Fletcher’s troubles, like the biblical Job’s, kept on coming. He was busted for cocaine possession, partially paralyzed by Bell’s palsy, and shot four times while sitting in a car watching a playground basketball game in Southwest Philadelphia. A companion sitting behind the wheel was fatally wounded. All the while, Fletcher was still competing as a fighter. He retired at age thirty-four in August 1990. In his ten years as a pro, he’d compiled a record of twenty-four wins and four losses. On retirement he stayed close to the only real home he’d known, South Philly. Few boxers wind up with any money once they retire, so they tend to return to their roots in an environment that’s not terribly pleasant or safe.

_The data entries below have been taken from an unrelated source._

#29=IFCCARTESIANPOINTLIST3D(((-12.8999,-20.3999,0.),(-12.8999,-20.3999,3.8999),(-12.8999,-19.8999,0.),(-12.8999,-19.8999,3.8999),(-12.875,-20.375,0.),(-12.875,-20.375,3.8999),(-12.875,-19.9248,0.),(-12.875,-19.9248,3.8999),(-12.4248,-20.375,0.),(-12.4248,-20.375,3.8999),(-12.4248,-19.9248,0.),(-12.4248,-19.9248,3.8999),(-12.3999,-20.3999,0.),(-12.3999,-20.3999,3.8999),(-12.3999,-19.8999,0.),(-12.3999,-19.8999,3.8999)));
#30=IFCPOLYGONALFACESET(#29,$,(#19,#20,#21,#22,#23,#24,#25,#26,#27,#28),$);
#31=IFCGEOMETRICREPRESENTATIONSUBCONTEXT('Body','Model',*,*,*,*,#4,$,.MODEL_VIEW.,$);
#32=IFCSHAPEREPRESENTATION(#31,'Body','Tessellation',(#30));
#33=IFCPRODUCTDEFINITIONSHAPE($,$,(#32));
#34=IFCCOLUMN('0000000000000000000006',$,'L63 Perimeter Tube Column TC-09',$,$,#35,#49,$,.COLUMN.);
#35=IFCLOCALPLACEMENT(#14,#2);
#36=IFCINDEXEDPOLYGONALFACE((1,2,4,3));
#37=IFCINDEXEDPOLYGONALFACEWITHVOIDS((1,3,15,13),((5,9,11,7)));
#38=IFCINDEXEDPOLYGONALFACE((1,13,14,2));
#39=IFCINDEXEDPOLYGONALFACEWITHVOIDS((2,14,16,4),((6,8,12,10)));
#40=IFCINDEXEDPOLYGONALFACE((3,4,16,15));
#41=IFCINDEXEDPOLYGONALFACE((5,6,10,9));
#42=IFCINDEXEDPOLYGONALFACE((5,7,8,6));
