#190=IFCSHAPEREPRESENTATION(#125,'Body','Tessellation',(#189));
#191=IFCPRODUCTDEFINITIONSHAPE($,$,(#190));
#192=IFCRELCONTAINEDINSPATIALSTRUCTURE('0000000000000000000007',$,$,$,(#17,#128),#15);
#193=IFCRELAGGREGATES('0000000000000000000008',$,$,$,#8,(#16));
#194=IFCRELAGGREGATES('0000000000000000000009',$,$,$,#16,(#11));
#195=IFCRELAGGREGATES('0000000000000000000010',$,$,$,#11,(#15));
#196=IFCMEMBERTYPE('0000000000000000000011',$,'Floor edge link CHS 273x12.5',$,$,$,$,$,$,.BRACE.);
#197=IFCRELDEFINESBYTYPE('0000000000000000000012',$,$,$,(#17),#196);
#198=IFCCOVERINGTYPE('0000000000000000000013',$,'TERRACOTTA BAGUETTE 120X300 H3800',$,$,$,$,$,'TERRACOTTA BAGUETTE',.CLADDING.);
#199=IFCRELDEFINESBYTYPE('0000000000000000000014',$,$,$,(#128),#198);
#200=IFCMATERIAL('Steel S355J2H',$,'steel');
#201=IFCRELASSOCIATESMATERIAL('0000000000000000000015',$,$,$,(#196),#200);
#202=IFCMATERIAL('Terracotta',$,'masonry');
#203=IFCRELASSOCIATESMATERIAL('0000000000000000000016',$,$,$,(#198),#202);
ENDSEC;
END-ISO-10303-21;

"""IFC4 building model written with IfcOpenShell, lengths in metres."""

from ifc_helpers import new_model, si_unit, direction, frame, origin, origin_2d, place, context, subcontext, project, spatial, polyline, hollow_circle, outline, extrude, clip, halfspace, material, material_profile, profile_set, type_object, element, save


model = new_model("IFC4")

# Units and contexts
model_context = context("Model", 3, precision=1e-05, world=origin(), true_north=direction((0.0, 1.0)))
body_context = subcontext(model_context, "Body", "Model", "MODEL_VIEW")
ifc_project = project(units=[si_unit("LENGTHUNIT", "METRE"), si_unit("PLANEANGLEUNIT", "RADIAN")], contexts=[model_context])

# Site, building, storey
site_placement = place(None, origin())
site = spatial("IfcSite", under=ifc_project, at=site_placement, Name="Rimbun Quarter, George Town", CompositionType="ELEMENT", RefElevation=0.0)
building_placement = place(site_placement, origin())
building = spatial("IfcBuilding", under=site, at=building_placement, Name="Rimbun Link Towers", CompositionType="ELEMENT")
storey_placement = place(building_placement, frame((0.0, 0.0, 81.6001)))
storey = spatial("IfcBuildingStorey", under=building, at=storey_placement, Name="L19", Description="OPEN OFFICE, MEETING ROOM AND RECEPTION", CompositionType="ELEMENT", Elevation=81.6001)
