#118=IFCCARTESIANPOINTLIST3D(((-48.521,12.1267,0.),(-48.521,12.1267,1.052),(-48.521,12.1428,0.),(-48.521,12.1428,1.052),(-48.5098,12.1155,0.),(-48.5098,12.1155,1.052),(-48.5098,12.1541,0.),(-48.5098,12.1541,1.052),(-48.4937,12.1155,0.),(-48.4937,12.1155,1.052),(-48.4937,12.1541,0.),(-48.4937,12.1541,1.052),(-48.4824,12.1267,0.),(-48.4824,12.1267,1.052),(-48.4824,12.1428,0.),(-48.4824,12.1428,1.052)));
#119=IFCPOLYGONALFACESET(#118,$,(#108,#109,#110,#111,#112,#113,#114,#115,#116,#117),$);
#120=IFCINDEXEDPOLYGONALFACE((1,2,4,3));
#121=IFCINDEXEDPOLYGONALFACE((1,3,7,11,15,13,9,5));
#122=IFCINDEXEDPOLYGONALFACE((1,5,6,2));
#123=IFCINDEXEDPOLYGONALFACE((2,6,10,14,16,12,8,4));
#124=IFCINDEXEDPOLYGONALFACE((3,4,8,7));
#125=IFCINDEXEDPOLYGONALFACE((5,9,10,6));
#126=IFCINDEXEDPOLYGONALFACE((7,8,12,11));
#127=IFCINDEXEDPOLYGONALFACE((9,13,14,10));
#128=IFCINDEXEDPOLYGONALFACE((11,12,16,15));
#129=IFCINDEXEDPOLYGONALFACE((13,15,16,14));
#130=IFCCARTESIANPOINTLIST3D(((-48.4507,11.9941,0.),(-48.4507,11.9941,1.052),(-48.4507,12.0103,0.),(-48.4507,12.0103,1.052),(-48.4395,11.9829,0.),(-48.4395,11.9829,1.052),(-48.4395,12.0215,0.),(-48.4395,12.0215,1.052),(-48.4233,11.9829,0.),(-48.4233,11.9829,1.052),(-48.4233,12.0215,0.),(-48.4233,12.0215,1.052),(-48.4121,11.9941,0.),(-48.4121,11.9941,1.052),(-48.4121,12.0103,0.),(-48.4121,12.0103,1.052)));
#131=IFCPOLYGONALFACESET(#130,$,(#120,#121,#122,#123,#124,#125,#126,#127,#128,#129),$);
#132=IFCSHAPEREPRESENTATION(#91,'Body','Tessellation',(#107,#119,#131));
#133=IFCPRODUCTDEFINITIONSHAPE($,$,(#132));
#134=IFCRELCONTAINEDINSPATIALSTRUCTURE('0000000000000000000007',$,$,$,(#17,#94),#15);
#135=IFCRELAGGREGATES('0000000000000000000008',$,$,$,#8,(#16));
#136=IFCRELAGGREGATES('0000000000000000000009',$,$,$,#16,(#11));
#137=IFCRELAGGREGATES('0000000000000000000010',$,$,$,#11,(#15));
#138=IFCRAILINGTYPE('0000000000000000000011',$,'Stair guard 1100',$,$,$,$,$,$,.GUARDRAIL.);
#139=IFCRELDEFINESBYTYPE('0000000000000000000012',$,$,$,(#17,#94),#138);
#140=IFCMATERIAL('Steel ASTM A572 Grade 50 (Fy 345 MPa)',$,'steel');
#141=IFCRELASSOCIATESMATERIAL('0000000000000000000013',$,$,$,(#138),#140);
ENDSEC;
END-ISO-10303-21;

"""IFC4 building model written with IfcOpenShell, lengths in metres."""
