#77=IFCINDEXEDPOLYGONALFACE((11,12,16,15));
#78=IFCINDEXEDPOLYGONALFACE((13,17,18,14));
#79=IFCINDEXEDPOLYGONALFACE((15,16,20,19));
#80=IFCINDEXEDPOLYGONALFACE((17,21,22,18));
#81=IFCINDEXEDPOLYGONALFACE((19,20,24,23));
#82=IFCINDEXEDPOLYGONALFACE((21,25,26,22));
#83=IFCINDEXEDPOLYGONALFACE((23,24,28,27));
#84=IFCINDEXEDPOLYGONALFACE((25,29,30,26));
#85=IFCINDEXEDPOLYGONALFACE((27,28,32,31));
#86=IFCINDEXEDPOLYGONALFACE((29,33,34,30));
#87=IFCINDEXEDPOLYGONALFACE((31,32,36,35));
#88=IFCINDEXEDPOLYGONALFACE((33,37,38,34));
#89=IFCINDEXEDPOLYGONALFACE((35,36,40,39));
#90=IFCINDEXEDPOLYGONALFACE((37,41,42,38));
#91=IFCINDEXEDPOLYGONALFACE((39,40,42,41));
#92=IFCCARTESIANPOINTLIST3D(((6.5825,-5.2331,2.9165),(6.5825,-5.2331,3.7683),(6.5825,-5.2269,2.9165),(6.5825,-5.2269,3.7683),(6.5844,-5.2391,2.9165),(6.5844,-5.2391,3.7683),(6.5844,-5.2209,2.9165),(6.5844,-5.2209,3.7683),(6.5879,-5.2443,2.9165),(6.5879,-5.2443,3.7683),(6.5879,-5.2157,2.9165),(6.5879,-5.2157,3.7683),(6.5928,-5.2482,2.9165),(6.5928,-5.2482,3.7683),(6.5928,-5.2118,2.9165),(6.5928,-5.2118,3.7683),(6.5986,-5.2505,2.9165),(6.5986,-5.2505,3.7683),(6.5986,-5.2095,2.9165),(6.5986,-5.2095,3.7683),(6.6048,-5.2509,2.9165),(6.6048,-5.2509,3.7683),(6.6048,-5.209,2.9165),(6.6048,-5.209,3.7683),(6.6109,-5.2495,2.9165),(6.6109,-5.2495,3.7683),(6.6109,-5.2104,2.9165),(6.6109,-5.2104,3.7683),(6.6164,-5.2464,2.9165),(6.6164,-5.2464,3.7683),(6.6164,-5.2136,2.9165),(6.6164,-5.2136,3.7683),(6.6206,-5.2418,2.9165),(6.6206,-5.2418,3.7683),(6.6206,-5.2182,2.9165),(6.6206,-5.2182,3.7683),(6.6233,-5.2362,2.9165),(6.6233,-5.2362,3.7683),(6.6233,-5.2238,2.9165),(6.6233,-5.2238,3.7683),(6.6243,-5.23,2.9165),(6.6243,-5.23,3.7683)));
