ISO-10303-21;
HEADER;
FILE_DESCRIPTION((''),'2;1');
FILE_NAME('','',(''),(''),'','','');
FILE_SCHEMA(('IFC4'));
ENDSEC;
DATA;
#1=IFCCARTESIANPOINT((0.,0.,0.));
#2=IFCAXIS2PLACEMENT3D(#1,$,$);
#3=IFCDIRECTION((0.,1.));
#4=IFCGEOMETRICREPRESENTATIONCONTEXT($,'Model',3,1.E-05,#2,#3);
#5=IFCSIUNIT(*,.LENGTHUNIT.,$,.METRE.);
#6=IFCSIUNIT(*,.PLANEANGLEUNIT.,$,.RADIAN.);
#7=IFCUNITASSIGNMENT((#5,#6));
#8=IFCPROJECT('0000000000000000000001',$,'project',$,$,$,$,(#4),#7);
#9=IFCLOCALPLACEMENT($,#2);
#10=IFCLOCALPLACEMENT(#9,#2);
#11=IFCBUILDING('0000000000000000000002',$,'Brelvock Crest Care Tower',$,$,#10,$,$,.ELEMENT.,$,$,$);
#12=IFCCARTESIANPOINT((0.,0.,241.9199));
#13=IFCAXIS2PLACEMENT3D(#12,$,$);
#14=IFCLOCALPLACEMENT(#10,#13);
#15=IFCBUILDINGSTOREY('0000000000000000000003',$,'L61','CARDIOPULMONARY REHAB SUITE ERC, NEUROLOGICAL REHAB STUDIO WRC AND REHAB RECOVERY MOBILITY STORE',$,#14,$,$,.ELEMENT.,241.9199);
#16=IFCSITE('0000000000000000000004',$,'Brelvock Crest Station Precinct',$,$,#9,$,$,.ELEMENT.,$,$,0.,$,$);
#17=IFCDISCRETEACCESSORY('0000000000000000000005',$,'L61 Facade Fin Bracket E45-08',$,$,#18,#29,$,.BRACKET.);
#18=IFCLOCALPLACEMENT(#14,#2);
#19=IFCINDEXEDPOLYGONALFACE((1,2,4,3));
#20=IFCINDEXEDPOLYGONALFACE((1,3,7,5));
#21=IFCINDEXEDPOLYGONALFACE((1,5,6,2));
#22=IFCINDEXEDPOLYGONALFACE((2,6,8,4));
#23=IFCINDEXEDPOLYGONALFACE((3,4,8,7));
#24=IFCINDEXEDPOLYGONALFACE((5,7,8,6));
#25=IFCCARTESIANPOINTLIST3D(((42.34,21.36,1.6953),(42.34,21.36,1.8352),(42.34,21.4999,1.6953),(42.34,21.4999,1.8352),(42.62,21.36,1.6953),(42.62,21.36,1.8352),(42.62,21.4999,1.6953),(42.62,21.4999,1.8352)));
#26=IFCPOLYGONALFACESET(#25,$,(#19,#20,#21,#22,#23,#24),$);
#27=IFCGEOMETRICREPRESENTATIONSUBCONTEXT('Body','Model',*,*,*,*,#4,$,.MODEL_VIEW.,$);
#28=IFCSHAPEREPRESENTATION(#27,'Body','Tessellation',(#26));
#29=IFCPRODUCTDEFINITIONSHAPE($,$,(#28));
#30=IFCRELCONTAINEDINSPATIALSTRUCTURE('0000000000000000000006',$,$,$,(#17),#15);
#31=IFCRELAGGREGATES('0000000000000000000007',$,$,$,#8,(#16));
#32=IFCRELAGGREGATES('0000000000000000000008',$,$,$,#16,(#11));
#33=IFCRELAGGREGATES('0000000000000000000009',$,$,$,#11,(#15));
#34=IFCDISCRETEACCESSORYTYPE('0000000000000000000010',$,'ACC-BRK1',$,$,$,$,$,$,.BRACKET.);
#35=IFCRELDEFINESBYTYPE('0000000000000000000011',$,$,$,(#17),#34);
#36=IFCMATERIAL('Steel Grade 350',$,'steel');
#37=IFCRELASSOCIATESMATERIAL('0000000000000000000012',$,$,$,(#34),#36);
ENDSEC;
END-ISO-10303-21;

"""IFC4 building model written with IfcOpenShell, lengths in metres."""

from ifc_helpers import new_model, si_unit, direction, frame, origin, origin_2d, place, context, subcontext, project, spatial, rectangle, extrude, source, transform, mapped, material, type_object, element, save


model = new_model("IFC4")

# Units and contexts
model_context = context("Model", 3, precision=1e-05, world=origin(), true_north=direction((0.0, 1.0)))
body_context = subcontext(model_context, "Body", "Model", "MODEL_VIEW")
ifc_project = project(units=[si_unit("LENGTHUNIT", "METRE"), si_unit("PLANEANGLEUNIT", "RADIAN")], contexts=[model_context])

# Site, building, storey
site_placement = place(None, origin())
site = spatial("IfcSite", under=ifc_project, at=site_placement, Name="Brelvock Crest Station Precinct", CompositionType="ELEMENT", RefElevation=0.0)
building_placement = place(site_placement, origin())
building = spatial("IfcBuilding", under=site, at=building_placement, Name="Brelvock Crest Care Tower", CompositionType="ELEMENT")
storey_placement = place(building_placement, frame((0.0, 0.0, 241.9199)))
storey = spatial("IfcBuildingStorey", under=building, at=storey_placement, Name="L61", Description="CARDIOPULMONARY REHAB SUITE ERC, NEUROLOGICAL REHAB STUDIO WRC AND REHAB RECOVERY MOBILITY STORE", CompositionType="ELEMENT", Elevation=241.9199)

# Shared definitions
ifc_material_1 = material(Name="Steel Grade 350", Category="steel")

# Discrete accessory
discrete_accessory_type = type_object("IfcDiscreteAccessoryType", Name="ACC-BRK1", PredefinedType="BRACKET", material=ifc_material_1)
shared_shape_1 = source(origin(), body_context, "Body", "SweptSolid", [
    extrude(rectangle(XDim=0.28, YDim=0.1399, at=origin_2d()), origin(), (0.0, 0.0, 1.0), 0.1399),
])
discrete_accessory_placement = place(storey_placement, frame((42.48, 21.4299, 1.6953), z_axis=(0.0, 0.0, 1.0), x_axis=(1.0, 0.0, 0.0)))
element("IfcDiscreteAccessory", 1, at=discrete_accessory_placement, inside=storey, type_object=discrete_accessory_type, Name="L61 Facade Fin Bracket E45-08", PredefinedType="BRACKET", context=body_context, shape_type="MappedRepresentation", body=[
    mapped(shared_shape_1, transform((0.0, 0.0, 0.0), x_axis=(1.0, 0.0, 0.0), y_axis=(0.0, 1.0, 0.0), z_axis=(0.0, 0.0, 1.0), scale=1.0)),
])

save(model, "model.ifc")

Christopher, Fletcher said, had earlier stuck up a craps game, taking fifty dollars from him. When Fletcher saw Christopher again after the incident, he punched him, and Christopher pulled out his pistol. It wasn’t a shocking tale in that part of the city.

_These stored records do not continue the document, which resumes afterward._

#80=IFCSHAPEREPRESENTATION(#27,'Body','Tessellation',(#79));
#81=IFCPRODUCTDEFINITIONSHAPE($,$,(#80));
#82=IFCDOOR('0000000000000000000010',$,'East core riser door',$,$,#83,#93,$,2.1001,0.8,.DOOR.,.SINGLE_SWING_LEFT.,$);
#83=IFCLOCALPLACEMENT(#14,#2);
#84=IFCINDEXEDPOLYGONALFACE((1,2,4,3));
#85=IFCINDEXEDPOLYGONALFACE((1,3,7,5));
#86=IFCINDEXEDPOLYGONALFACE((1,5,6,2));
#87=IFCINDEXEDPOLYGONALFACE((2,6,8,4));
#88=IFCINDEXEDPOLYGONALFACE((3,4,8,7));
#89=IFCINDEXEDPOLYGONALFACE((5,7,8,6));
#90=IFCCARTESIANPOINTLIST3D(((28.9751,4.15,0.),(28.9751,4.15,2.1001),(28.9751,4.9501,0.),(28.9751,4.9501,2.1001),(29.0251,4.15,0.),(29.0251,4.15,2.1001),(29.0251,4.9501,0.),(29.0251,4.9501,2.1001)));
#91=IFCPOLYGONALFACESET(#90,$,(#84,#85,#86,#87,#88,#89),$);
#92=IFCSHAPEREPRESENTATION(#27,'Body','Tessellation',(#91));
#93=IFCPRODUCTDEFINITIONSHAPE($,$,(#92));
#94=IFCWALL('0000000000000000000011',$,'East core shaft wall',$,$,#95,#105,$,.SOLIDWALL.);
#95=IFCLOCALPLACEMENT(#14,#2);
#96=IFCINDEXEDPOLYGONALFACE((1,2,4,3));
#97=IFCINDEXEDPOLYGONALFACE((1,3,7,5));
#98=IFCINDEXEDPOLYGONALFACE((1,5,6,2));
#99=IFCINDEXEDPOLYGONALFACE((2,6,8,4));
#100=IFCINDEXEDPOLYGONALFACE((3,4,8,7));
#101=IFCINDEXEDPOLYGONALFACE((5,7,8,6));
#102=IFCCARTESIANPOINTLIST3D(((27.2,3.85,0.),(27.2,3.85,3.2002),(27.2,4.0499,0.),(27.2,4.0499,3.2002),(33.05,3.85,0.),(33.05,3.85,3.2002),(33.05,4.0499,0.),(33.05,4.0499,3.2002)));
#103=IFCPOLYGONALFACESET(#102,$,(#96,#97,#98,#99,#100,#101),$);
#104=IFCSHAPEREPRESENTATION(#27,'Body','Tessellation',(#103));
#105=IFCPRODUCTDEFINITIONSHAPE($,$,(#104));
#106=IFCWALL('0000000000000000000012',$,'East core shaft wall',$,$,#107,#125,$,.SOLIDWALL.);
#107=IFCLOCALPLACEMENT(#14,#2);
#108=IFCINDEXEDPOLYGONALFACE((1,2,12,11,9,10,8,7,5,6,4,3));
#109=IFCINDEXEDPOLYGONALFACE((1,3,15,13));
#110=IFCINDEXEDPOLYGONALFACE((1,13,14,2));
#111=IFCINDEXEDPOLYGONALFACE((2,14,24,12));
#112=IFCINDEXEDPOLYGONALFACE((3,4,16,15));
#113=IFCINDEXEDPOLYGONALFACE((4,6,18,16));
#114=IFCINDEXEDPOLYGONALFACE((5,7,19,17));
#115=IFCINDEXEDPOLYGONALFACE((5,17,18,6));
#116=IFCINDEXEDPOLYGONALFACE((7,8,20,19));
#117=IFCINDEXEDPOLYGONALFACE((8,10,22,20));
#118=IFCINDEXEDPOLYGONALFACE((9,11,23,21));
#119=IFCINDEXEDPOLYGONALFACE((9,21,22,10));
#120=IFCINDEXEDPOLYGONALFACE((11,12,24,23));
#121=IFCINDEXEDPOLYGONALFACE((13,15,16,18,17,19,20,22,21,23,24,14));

In a standard deal, the prosecutor offered Fletcher the chance to plead guilty to third-degree murder and serve ten to twenty years. When Fletcher refused and opted to roll the dice on a trial, the prosecutor asked for a death sentence. The district attorney at the time was execution devotee Lynne Abraham. “Abraham’s office seeks death virtually as often as the law will allow,” wrote Tina Rosenberg in the New York Times Magazine . 3Abraham had once posed on the cover of Philadelphia magazine cradling a submachine gun.

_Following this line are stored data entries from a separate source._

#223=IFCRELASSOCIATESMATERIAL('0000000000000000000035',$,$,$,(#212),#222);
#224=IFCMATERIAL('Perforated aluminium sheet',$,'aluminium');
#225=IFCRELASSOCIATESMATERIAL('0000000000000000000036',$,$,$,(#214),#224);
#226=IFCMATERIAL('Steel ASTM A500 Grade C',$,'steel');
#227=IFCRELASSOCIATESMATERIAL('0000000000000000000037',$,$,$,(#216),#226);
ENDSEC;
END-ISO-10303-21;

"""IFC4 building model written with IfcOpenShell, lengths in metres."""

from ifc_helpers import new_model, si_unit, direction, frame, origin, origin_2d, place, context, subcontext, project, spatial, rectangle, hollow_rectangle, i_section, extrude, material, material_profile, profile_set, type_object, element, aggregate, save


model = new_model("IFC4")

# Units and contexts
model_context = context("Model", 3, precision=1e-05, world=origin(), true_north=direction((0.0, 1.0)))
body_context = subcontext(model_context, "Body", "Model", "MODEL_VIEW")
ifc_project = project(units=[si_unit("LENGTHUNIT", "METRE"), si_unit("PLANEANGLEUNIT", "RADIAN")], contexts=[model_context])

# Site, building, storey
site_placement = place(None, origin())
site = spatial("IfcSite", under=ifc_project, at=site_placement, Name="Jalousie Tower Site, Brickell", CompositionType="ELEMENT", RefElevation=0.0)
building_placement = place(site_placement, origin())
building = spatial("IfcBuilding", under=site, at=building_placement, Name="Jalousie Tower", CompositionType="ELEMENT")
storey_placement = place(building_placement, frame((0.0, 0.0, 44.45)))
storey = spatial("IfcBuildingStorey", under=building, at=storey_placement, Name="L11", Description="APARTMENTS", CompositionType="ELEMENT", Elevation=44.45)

Had Fletcher accepted the plea bargain offered to him, he’d probably have been freed many years ago and wouldn’t be threatened with execution. If you think about it, he’s no longer doing time for shooting Christopher. He’s on death row for refusing to accept the deal offered back in 1992. It’s largely because of such courtroom outcomes that 95 percent of defendants take a deal. 4

Later it turned out that key facts in Fletcher’s case were kept from the jury. Others were manufactured, plain and simple. For example, the prosecutor preposterously claimed that Fletcher was called “Two Guns” because he carried two guns on the street, but any Philadelphia fight fan could have informed the court that the nickname was a boxing alias referring to his ability to land telling shots with both hands. There was a dreadful lack of communication between Fletcher and his court-appointed attorney, Stephen Patrizio, who never corrected the mistake. Patrizio subsequently confessed to a host of other trial errors. Probably the most grievous was his failure to object to the judge’s flawed instructions to jurors. The judge was supposed to inform them they could find Fletcher guilty of voluntary manslaughter or involuntary manslaughter instead of murder. An objection at the time might have led to a much lighter sentence or given Fletcher substantive grounds for an appeal. A competent attorney always looks for such gifts, but the defense in this case never tore off the wrapping. In a deposition taken from him later, Patrizio made it clear that his principal strategy was to take the deal. He didn’t even challenge hearsay testimony from Grant.

Jurors were also not told that Christopher, shot in his leg and right side, bled to death in the hospital after his mother, a Jehovah’s Witness, denied him a crucial transfusion on religious grounds. In addition, vital physical evidence—Christopher’s clothes—never made its way from police investigators to the medical examiner’s office, leading advocates for Fletcher to believe that they contained powder burns that would have confirmed his account of the shooting.

The eyewitness testimony from Grant allowed the prosecution to argue that it had proved its shaky case beyond a reasonable doubt, even though her version of events didn’t square with the facts. She said Fletcher shot Christopher from a distance, but the autopsy showed that the two bullets entered from steep angles, which supported Fletcher’s account of a hand-to-hand battle. Hard-nosed detectives who revisited the case later agreed that with or without Grant, circumstances didn’t merit a first-degree charge. Looking back after all these years, it’s difficult to argue that keeping Fletcher locked up any longer makes sense and even tougher to make a case for lethal injection.